The former server is now a regular volunteer with the non-profit organization that helped her, Food Rescue US Miami/Broward. The organization shifted its original mission of rescuing food from big events for a more pandemic conducive mission: It gives grants to restaurants that make hot meals for hospitality workers and people in need. Taquiza in North Beach is one of them.
“Places like Food Rescue have been such a blessing for us that they are able to bring us a little bit of business and therefore feed the community. It’s a cyclical amazing thing that we are helping everyone out,” said Christine Martinez, operations manager for Taquiza.
Since the shutdown, the organization has funded numerous restaurants while providing about 52,000 meals.
“When we realized this would go on for a couple of weeks and there were more hospitality workers out of work indefinitely, that was when we decided we were going to partner with local restaurants and set up what we call community kitchens. That’s what I am most proud of in my life, is coming up with this idea,” said Ellen Bowen, Miami/ Broward Site Director for Food Rescue US.

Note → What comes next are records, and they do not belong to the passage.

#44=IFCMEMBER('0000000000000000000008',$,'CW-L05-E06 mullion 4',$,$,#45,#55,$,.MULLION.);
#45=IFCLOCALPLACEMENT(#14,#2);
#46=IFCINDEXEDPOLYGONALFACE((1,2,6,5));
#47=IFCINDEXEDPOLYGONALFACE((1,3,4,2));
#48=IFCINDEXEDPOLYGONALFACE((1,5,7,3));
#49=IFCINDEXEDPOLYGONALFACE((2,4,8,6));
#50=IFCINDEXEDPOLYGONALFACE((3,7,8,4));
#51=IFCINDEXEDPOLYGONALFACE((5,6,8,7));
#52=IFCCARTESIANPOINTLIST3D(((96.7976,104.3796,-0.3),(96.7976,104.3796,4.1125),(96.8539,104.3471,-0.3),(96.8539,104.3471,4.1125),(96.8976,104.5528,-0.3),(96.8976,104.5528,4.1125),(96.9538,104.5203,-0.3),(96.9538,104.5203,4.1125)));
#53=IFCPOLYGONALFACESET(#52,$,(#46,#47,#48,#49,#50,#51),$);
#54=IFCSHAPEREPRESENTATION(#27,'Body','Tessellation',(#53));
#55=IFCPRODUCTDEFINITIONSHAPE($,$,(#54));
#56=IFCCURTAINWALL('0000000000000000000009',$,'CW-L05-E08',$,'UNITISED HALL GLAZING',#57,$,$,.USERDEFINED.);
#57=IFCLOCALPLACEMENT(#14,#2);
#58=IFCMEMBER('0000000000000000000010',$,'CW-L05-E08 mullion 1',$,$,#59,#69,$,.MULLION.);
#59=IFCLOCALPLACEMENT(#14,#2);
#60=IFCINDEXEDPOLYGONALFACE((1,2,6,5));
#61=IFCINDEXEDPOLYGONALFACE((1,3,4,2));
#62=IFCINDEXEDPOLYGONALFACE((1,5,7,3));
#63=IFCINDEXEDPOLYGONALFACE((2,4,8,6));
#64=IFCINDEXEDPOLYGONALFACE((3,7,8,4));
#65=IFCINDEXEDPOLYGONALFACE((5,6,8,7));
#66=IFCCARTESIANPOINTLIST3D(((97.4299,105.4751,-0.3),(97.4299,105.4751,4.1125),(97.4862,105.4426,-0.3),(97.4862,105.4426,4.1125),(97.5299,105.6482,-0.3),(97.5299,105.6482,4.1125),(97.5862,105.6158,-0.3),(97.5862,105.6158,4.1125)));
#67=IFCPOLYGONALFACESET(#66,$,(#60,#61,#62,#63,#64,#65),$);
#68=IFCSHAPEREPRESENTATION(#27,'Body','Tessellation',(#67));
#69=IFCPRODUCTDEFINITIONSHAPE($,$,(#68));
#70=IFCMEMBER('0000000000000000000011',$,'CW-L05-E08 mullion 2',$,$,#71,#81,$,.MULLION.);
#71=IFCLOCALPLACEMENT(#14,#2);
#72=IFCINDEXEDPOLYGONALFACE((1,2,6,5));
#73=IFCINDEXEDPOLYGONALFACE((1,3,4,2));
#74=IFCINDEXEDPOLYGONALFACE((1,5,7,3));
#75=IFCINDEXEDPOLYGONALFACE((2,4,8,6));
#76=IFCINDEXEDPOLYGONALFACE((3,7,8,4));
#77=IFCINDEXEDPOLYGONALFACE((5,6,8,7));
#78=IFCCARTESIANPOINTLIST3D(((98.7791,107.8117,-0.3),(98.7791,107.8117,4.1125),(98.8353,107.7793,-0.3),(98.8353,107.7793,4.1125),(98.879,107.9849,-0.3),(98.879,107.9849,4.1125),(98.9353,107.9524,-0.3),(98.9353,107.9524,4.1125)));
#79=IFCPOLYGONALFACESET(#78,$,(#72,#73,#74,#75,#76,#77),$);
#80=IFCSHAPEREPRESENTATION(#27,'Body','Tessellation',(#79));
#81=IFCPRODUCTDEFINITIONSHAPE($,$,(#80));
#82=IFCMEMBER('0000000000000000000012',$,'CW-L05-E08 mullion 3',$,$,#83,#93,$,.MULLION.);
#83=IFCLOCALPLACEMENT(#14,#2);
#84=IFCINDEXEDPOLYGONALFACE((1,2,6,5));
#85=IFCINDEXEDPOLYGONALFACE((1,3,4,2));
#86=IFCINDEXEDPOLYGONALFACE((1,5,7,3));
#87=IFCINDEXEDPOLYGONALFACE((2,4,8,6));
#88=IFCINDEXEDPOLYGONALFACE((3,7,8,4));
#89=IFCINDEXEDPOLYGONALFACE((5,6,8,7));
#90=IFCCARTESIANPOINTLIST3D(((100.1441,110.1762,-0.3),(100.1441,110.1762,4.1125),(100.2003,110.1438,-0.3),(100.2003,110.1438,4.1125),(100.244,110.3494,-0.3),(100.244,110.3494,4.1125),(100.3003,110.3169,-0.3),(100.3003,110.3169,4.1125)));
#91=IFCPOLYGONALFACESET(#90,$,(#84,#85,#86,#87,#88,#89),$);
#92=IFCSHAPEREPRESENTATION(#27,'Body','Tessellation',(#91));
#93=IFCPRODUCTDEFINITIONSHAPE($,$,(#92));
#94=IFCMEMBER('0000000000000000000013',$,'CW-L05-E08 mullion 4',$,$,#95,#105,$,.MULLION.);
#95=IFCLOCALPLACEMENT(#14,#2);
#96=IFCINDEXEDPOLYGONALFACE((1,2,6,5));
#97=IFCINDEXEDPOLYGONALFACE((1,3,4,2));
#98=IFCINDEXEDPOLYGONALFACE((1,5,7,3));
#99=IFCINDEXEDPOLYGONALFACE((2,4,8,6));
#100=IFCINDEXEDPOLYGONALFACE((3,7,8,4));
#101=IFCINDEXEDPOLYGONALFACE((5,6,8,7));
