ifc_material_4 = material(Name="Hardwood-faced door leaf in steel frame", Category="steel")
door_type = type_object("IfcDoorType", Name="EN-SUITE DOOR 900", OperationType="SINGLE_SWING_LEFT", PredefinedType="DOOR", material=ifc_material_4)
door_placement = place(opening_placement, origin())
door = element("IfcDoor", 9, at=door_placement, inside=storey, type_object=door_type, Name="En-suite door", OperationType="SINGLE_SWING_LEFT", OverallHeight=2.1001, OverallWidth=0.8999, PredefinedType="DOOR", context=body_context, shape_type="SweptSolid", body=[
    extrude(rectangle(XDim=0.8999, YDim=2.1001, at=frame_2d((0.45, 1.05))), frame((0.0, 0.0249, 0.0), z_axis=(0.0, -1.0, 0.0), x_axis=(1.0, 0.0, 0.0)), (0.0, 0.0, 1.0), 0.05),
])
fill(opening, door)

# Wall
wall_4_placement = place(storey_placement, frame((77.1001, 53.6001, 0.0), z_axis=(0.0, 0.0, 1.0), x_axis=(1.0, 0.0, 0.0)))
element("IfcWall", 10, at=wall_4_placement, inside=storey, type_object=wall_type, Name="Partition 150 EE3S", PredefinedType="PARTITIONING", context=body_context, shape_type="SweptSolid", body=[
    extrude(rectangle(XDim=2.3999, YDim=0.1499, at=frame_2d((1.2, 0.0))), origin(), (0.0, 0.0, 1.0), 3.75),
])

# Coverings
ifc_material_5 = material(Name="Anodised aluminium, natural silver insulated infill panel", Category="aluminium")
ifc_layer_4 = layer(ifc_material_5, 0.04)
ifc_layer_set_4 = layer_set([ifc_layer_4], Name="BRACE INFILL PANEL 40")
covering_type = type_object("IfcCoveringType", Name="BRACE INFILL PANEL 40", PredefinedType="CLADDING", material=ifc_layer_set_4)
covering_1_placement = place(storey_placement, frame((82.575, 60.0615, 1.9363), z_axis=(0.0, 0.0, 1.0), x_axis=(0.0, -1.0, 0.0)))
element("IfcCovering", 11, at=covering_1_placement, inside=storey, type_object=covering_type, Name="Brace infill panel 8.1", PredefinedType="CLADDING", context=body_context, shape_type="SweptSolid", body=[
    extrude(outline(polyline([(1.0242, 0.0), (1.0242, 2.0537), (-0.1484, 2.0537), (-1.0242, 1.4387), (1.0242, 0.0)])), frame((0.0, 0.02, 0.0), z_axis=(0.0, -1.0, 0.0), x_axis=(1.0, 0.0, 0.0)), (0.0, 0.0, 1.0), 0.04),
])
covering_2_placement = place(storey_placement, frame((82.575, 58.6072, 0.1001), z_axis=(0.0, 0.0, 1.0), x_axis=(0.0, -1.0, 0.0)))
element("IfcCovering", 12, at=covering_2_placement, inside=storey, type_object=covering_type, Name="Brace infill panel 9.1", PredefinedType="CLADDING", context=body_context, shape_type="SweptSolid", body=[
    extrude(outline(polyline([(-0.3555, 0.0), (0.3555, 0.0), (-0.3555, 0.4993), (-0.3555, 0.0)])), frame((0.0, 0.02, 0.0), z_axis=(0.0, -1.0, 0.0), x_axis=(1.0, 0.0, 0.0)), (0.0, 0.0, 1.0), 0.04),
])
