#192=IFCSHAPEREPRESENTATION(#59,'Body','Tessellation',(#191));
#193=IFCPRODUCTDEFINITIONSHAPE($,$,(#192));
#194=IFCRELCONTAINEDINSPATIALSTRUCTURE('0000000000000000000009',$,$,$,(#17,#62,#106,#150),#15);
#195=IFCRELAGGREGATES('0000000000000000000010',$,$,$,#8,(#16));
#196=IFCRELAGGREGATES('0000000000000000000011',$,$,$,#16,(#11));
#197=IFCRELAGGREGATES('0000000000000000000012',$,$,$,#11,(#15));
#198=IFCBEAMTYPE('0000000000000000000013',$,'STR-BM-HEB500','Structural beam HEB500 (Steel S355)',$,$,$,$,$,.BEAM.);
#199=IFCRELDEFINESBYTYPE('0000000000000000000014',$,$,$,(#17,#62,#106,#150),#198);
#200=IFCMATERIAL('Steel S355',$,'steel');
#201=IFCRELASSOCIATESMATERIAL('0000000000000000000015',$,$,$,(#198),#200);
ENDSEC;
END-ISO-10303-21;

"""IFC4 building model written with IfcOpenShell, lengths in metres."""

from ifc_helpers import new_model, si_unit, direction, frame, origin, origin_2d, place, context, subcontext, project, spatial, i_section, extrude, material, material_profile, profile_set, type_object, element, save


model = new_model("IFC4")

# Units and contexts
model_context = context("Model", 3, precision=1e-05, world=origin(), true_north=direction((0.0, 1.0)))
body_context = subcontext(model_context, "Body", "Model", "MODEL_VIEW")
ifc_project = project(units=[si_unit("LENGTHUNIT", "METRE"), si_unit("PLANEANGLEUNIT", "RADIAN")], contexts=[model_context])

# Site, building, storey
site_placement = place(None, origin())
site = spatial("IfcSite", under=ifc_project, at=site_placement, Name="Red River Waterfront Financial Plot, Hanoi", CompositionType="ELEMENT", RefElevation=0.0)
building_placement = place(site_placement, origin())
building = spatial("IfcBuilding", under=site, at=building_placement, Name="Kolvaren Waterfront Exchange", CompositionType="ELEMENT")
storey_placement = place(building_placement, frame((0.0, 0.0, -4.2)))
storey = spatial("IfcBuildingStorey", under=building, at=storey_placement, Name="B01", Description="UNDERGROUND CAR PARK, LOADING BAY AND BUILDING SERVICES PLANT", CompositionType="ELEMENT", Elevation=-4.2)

Santacaterina hopes to continue this type of work. “I’m thinking now of maybe switching and seeing if I can get a role in an organization like this,” she said.
One of her fellow volunteers who is also a furloughed hospitality worker says she also may not return to the industry.
Alena Isengildina went from a group sales position at the Fountainbleu hotel in Miami Beach to working as a nanny this December.
“I was babysitting, overlooking homework, preparing meals here and there. I also helped the household. I would basically clean around,” said Isengildina.
The 37-year-old also picked up bartending and serving gigs to pay the bills, the types of jobs she never pictured herself going back to after working in sales.
“At the end of July, we lost our pandemic relief funding,” said Isengildina. “From September all the way to December, there was kind of no money whatsoever. I still highly consider stepping away from hospitality even though I love it, I love it with passion.”
John Moore held two top level positions as a general manager and brand director for Steel Tie Spirits in West Palm Beach. But after getting laid off, he picked up three bartending jobs.
“I really can’t think of any group that has been more hard-hit in terms of the ability to earn a living than the hospitality community,” Moore said.
The 48-year-old worked his first bar shift at the age 19 as a barback, and has worked in hospitality ever since. He recently moved to St. Augustine where he’ll be working with a team of people to create a new brand of liquor.
“When we get the new brand up and running, it is meant to, in part, rise up in support of the hospitality worker,” said Moore.